The danger of language is that almost any statement can be used for or against any human being at any point in time as long as we continue to view an individual or a group of individuals as having more objective human rights than other individuals and as long as we don’t agree on the objectivity of particular human rights and the criminality of any person, state, or nation that acts against them. To become truly human we cannot deny other people’s humanity. To stop the inhumanity, we need to act humanly in every sphere of our lives.

That of course means stopping wars for what is a war but the pretense of a few that they have the power to impose themselves on other people’s will? That if other people do not comply, they will be exterminated? And is this not the actual question in all contracts? That if people don’t comply they will be sacked or banned?

Is the issue in the social contract not the fact that if people are not willing to be submitted they will be condemned to isolation by not giving them jobs because the way things have been set up and the status quo today works, is such that without submission, people are left out of the System? The mechanisms in the developed and undeveloped nations are different and I would question if they are any more human in the developed nations than in the underdeveloped ones because what has happened in the developed nations is that the power of a few over the human rights of the many has so overpowered their life that the state has had to become a welfare state to keep its members alive because the status quo itself is such that people do not have a right to work and make their own living but a right to submit and accept the status of beggars in their own house.

What has happened in these developed nations is that the few “inalienable rights” have been granted to the privileged and these have used the state not to guarantee the rights of all people but to submit all people to their rights. The State should never allow anyone to trespass anyone else’s human rights. If the state never allows for human rights to be trespassed, all other “rights” cannot be threatening to any human being. The State is responsible for guaranteeing the laws and in nations in which the laws have been so manipulated to act against the people, it is not surprising that the people are running towards cults to look for protection only to find that Cults are the epitomy of the same abuse, not only on their physical capacity to work but on their spiritual freedom to be. It is the possibility of physical survival what is threatened by the social status quo but it is the possibility of human survival what is threatened in cults and both are working parallel to each other in present society. The ingredients of today’s cults were taken from the developed nation’s status quo.

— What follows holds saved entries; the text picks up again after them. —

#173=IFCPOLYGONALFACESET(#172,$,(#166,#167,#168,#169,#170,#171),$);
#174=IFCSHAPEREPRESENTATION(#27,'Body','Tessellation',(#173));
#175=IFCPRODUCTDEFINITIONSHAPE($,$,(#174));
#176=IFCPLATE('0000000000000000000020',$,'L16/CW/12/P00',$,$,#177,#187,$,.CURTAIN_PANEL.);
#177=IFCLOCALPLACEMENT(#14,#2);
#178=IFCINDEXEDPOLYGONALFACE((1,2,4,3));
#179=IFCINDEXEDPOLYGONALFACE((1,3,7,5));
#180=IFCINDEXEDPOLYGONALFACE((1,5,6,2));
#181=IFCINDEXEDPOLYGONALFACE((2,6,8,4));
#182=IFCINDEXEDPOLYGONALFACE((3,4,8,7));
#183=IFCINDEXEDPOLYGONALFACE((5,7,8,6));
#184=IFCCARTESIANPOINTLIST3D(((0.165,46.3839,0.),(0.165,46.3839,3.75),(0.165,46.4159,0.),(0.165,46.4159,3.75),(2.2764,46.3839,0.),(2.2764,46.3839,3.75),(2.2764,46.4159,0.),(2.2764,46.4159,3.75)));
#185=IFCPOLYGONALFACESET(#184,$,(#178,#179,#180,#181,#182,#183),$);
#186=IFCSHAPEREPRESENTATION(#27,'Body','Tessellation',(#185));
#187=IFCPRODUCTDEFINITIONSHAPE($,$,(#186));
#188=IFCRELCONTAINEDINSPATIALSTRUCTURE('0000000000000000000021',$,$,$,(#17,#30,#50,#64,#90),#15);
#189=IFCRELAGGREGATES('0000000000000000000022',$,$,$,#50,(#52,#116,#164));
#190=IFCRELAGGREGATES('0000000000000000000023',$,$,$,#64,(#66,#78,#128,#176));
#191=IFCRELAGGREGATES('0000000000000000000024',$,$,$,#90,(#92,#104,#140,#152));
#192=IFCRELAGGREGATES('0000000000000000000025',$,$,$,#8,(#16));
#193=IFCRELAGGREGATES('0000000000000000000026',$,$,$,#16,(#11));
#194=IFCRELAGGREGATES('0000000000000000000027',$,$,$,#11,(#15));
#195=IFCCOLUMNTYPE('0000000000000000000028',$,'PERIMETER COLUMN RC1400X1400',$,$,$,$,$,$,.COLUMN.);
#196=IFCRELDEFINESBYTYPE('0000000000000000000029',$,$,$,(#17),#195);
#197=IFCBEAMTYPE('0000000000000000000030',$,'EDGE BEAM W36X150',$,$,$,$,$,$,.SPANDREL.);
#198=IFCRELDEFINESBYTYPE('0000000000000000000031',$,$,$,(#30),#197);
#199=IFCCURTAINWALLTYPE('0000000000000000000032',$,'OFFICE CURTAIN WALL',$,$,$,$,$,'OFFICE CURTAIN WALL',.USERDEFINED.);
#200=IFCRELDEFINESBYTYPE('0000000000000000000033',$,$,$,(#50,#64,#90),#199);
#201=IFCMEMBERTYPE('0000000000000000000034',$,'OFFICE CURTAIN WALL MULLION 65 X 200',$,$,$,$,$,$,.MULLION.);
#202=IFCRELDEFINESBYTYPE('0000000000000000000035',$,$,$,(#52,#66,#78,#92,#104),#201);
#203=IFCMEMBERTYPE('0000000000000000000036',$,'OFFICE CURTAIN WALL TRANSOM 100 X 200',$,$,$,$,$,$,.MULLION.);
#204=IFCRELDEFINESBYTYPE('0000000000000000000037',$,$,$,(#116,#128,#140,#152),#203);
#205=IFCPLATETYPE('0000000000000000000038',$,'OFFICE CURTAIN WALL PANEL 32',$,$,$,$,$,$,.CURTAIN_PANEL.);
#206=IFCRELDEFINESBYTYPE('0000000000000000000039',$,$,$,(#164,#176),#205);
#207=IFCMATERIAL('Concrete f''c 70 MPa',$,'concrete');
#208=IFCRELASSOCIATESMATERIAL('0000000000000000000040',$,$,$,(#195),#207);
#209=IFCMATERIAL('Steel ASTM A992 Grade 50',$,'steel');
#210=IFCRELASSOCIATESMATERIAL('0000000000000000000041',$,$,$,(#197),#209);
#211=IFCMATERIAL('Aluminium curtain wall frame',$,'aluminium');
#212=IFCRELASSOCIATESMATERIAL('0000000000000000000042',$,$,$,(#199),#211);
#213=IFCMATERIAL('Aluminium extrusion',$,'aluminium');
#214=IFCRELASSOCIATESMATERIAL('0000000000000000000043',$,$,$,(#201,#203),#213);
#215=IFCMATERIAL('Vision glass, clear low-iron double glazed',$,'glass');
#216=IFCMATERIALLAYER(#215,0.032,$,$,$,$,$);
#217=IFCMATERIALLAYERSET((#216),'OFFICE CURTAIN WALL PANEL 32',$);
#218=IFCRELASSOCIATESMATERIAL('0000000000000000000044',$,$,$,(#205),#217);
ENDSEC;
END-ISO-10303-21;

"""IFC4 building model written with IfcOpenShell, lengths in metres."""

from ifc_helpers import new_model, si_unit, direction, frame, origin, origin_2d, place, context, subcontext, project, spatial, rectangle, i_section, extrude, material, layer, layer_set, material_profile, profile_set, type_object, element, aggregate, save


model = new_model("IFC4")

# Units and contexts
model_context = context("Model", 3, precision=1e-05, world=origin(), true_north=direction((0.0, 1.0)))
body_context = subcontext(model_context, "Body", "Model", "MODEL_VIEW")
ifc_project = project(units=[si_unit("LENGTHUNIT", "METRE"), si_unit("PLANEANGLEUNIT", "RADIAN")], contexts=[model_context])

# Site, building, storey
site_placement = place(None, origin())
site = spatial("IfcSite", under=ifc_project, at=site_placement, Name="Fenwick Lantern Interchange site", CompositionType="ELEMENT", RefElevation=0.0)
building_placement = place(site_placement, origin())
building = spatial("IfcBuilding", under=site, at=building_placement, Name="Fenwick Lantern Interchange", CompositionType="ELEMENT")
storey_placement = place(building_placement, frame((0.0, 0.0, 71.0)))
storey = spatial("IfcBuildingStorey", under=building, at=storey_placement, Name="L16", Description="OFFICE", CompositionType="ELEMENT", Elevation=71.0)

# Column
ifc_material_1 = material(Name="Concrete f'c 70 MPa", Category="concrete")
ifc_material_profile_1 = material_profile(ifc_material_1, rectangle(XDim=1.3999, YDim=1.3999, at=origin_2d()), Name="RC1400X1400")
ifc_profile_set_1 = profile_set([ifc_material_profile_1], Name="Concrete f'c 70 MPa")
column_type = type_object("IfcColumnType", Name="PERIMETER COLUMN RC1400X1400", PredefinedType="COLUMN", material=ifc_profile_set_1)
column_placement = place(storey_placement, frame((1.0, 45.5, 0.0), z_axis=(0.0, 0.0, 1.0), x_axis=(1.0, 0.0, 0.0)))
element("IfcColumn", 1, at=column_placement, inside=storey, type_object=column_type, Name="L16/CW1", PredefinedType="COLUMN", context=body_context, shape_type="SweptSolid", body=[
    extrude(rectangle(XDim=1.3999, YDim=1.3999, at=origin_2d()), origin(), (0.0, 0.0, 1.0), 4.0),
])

When we look at a statement like this one:
“The secret of justice in love is the annulment of all rights, to which love mutely points”
we must be extremely careful about the context it is talking about and for all I know, J. Butler actually has a similar understanding in the rest of her book that I don’t have access to at the moment.

It is statements like this one what are being used against the masses of people to pretend that they do not counteract the tremendous injustices and absurdities of the present status quo and look for all forms of self-healing to bear the abominable social conditions.

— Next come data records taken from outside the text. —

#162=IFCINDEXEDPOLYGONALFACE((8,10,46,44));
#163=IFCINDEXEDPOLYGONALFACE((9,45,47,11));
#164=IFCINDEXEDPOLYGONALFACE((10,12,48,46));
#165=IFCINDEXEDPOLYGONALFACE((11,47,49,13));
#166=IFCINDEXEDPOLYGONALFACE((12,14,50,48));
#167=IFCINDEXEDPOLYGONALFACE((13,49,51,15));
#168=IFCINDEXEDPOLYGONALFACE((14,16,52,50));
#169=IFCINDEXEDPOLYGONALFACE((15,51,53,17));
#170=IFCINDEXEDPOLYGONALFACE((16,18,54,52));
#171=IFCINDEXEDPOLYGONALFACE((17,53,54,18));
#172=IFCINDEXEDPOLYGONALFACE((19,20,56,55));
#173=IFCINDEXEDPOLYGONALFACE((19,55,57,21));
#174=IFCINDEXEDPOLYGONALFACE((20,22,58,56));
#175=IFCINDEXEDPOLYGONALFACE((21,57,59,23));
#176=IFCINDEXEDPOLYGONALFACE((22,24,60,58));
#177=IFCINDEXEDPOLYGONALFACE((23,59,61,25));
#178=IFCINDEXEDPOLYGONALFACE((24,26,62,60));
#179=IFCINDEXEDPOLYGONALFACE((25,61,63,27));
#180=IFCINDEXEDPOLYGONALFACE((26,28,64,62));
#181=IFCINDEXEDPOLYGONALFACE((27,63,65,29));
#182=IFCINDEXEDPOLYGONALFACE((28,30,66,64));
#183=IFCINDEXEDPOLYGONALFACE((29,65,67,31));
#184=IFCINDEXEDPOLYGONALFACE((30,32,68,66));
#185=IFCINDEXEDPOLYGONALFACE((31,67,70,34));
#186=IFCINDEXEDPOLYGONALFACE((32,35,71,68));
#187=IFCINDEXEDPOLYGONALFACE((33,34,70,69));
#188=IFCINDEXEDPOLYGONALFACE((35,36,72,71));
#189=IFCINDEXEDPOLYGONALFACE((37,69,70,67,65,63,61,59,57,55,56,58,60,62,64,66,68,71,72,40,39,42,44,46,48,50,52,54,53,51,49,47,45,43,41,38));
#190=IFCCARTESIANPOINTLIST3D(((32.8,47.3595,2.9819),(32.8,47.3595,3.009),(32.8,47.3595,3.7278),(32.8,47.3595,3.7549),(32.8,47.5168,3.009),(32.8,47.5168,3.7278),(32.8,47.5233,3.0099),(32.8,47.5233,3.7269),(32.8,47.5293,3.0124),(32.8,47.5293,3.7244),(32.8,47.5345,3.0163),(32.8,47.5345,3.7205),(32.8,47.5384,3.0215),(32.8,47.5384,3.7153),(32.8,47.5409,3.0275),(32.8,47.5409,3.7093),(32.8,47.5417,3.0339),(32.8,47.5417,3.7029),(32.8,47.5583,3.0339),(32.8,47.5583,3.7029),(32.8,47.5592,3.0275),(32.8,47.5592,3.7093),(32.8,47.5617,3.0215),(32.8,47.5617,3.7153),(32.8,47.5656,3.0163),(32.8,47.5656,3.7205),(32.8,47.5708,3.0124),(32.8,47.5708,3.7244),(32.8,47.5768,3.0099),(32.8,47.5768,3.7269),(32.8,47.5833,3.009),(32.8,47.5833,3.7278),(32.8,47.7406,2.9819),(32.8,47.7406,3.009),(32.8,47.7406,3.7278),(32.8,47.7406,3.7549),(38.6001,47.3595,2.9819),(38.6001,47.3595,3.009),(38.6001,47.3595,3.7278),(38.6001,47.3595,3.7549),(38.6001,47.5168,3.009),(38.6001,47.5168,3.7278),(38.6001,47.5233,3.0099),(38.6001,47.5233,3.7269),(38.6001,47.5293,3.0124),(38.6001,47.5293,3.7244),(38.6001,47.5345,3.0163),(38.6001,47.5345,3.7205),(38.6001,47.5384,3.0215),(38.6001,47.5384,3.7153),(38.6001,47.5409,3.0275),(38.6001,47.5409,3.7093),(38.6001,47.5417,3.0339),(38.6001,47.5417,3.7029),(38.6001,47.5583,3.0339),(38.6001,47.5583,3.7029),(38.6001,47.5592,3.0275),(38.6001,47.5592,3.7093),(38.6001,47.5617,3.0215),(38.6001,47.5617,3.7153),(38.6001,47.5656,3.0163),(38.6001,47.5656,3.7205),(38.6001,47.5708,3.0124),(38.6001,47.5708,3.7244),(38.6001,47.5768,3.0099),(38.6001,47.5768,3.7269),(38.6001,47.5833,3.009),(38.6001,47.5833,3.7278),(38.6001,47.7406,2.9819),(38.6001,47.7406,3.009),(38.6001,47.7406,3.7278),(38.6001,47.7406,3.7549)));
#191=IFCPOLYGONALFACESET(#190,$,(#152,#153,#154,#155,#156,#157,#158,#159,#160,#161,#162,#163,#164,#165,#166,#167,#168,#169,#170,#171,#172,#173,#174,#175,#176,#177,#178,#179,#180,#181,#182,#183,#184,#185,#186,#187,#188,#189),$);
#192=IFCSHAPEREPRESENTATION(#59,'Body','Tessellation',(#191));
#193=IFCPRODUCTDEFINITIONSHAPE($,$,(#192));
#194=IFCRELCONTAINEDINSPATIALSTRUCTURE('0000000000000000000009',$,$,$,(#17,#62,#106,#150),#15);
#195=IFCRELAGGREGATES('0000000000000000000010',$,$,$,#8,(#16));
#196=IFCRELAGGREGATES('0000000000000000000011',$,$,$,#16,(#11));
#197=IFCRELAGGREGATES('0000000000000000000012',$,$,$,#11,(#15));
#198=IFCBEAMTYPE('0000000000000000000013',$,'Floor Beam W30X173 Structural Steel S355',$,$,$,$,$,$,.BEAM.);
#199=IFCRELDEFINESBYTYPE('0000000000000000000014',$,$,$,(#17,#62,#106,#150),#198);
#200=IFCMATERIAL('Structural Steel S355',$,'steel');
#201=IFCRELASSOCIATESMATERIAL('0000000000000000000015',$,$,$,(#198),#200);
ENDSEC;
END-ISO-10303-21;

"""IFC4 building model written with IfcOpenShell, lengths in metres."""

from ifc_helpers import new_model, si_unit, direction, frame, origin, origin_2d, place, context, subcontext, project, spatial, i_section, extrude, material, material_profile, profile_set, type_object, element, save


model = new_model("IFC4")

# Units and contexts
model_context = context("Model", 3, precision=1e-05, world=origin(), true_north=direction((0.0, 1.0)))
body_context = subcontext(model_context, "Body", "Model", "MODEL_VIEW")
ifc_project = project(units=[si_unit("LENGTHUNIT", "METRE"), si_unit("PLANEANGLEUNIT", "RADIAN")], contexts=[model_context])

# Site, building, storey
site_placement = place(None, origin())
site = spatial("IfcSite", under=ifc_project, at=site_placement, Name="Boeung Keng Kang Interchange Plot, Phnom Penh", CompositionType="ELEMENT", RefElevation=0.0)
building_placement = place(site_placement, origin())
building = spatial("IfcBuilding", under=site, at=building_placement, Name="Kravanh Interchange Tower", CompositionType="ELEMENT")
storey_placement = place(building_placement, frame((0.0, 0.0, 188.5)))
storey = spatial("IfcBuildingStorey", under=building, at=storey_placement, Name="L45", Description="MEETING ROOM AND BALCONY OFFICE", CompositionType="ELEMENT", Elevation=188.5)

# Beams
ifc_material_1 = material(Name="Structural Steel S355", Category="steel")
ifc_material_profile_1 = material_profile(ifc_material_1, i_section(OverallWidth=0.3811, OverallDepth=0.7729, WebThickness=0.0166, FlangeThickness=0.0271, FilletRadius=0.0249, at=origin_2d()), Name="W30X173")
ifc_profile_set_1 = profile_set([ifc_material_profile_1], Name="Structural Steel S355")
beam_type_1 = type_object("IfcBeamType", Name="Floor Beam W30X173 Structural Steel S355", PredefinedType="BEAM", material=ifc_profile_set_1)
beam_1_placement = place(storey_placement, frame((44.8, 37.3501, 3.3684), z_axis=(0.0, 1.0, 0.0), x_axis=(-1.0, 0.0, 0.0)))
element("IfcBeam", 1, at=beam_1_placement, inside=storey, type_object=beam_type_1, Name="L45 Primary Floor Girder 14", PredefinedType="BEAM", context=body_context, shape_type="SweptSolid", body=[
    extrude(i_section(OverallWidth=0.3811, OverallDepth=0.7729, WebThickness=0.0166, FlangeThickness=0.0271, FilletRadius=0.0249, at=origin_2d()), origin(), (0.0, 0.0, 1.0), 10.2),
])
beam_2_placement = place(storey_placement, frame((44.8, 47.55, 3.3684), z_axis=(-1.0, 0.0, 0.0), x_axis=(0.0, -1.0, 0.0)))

Laws exist to protect the majority from the immorality of the few and when the immoral majority or few take the reigns of the laws and use them to justify each and all their inhumanity, humanity has entered a cancerigenous process that promises inhumanity to reign. Real democracy is NOT the rule of the majority over the few, real democracy is the rule of human laws over ALL and anyone who acts against anyone else’s humanity is a criminal.

Rights can be “annulled” when human love is the law, but promulgating such annullement when inhumanity reigns, is carte blanche for that inhumanity.